Considering K users divided into G groups, the precoding mechanism is implemented in two stages. The first stage consists of a linear precoder used to eliminate the inter-group interference and assumes that the users from different groups have sufficiently uncorrelated channels. This stage can be realized through BD using long-term CSI measurements. Based on the degree of correlation between the users of the same group, linear or non-linear precoding schemes can be employed inside every group, in the second stage.

Figure 3 depicts a hybrid precoding scheme that uses BD and THP:

2.4. Complexity Evaluation

The complexity can be evaluated by counting the number of Floating Point Operations (FLOPs) required for multiplications and additions of complex values. A multiplication and an addition requires six and two FLOPs, respectively. The computational complexity of the SVD decompositions required by the BD-THP precoder is neglected, being computed less when relying on statistical CSI. The complexity of the QR decomposition of channel matrix $\mathbf{H}$ is $8N_T{K}^2-8K^3/3$. Generating the matrix ${\mathbf{HH}}^H$ for the RZF precoder uses $K(K+1)(4N_T-1)$ FLOPs due to the Hermitian property of the Gram matrix.
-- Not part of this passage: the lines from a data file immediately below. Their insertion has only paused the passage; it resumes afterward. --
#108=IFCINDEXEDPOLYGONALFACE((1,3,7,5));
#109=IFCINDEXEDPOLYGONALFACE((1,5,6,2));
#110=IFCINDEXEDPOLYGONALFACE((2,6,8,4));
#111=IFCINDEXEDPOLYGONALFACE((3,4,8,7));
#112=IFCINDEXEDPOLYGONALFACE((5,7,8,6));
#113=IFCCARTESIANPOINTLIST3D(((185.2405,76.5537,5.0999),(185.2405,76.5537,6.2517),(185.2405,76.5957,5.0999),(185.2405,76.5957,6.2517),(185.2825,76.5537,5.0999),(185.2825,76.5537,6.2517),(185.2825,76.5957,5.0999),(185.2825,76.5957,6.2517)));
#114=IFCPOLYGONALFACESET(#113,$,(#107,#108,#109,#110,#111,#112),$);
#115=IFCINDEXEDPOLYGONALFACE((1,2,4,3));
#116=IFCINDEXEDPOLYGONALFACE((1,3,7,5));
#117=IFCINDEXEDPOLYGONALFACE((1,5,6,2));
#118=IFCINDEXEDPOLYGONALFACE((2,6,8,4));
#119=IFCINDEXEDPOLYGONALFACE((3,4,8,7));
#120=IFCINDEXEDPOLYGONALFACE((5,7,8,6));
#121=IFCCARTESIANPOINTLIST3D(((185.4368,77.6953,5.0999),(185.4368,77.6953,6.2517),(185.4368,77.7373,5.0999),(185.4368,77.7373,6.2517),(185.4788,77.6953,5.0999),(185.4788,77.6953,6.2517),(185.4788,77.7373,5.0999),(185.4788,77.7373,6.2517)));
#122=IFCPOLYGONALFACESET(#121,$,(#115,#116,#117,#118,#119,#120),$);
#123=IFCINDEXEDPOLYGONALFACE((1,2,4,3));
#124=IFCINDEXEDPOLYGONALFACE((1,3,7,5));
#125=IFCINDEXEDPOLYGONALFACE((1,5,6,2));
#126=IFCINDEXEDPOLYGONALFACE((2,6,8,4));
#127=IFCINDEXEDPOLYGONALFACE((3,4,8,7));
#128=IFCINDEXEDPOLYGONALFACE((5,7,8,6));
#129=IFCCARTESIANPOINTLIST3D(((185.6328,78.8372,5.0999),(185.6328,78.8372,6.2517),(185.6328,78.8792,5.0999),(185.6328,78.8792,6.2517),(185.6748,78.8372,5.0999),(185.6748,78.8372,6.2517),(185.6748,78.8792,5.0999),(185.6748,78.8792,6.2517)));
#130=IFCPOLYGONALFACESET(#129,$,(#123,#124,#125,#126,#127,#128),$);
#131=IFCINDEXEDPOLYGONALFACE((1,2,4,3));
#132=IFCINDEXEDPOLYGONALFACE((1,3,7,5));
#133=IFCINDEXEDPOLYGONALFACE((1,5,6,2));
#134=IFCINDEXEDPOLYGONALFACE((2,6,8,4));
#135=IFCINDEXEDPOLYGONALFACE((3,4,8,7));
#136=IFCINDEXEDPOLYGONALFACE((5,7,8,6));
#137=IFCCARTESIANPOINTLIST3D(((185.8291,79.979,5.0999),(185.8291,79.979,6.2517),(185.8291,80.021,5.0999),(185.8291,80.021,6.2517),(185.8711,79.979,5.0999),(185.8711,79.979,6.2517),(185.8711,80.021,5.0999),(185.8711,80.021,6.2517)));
More details on how to evaluate the complexity calculations can be found in [13].

The complexity of various precoding schemes is represented in

Table 1. Precoder’s complexity [3,13].

Precoder	Number of FLOPs
RZF	$4K^3+2K{N}_T(4K-1)+K(4N_T-1)(K+1)+$
	$2N_T(4K-1)+8K^2+7K$
THP	$16K^3/3+2K(4K{N}_T-K+2)+$
	$2T[2K+2K^2+N_T(4K-1)-4]$
BD-THP	$40G{K}_g^3/3-4G{K}_g^2+$
	$2G{K}_g-2G{K}_g{N}_T+16G{K}_g^2{N}_T+$
	$T(4G{K}_g^2+4G{K}_g+8K_g{N}_T-8G-2N_T)$

[3,13], for $K_g=K/G$ users in each group.

In Figure 4, the equations above are plotted for $N_T=16$ transmit antennas and $K=16$ single-antenna users grouped into $G=4$ groups. Although the BD-THP scheme is a good tradeoff between the THP and the RZF schemes in terms of the sum rate (as will be seen in the following sections), its complexity is below both of the previous schemes. The computation complexity required to generate T precoded data vectors can change the ranking of schemes (for low values of T); however, the BD-THP precoder will always show the lowest complexity among them.
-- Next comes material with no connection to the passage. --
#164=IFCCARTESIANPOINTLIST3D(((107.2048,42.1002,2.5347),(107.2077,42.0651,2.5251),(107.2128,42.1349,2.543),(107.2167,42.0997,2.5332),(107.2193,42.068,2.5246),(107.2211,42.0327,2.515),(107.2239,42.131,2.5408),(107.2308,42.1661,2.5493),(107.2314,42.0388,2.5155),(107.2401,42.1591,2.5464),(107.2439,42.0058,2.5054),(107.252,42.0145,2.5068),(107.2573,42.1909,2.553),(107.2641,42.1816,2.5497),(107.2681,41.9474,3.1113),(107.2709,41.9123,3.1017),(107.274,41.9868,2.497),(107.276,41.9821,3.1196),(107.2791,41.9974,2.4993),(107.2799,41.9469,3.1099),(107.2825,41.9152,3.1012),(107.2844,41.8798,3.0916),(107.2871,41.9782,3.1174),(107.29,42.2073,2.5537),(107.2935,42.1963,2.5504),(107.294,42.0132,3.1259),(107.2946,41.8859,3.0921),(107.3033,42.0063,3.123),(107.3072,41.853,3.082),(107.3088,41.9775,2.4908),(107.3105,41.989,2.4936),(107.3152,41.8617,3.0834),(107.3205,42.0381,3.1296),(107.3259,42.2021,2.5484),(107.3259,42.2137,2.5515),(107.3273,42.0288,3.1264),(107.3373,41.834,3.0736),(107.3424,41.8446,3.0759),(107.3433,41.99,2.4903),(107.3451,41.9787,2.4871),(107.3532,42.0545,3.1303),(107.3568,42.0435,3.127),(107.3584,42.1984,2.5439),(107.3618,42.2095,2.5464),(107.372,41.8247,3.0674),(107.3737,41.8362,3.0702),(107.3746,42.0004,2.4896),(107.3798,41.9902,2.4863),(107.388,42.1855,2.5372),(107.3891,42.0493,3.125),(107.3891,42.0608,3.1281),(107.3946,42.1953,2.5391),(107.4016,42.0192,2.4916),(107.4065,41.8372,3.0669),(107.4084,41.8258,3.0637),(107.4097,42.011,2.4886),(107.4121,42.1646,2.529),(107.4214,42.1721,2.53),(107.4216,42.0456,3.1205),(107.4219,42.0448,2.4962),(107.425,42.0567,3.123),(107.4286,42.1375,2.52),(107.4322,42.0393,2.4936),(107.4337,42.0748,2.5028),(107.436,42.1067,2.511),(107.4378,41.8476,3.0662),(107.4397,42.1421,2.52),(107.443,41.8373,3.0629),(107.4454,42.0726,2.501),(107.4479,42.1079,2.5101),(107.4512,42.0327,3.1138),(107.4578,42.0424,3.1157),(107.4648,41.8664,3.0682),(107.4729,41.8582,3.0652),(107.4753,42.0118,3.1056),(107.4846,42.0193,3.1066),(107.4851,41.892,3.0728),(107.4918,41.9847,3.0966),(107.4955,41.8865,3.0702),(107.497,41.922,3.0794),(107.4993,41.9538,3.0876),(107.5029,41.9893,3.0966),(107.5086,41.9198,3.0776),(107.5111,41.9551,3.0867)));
3. Spatial Compatibility and Channel Modeling

A set of users is spatially compatible if their channels, ${\mathbf{h}}_k$, can be separated in space through precoding. The purpose of this section is to define a metric that can evaluate how spatially compatible two users are. Assuming a spatial correlation model at the transmission, it can be shown that the separation between the channels of two users will depend only on their spatial correlation matrices and, in turn, on the angle between them relative to the antenna system.

3.1. Channels Separation Metric

The spatial channel correlation is important for multiple-antenna users (Single User (SU)-MIMO communications); however, in the context of single-antenna users, it is the set of spatial correlation matrices of users that determine the network performances.

A metric used to quantify how separated the channels of two users are was described in [15,16]. Assuming that ${\mathbf{h}}_i$ and ${\mathbf{h}}_k$ are the channels of two users, the channel separation metric is defined as:

$$cos\left(\angle \left({\mathbf{h}}_i,{\mathbf{h}}_j\right)\right)\triangleq \mathbb{V}\left\{\frac{{\mathbf{h}}_i^H{\mathbf{h}}_k}{\sqrt{\mathbb{E}\left\{{\left|\left|{\mathbf{h}}_i\right|\right|}^2\right\}\mathbb{E}\left\{{\left|\left|{\mathbf{h}}_k\right|\right|}^2\right\}}}\right\},$$

(12)

where $cos\left(\angle \left({\mathbf{h}}_i,{\mathbf{h}}_k\right)\right)\in [0,1]$ and $\mathbb{V}\left\{x\right\}$ is the variance of a random variable x.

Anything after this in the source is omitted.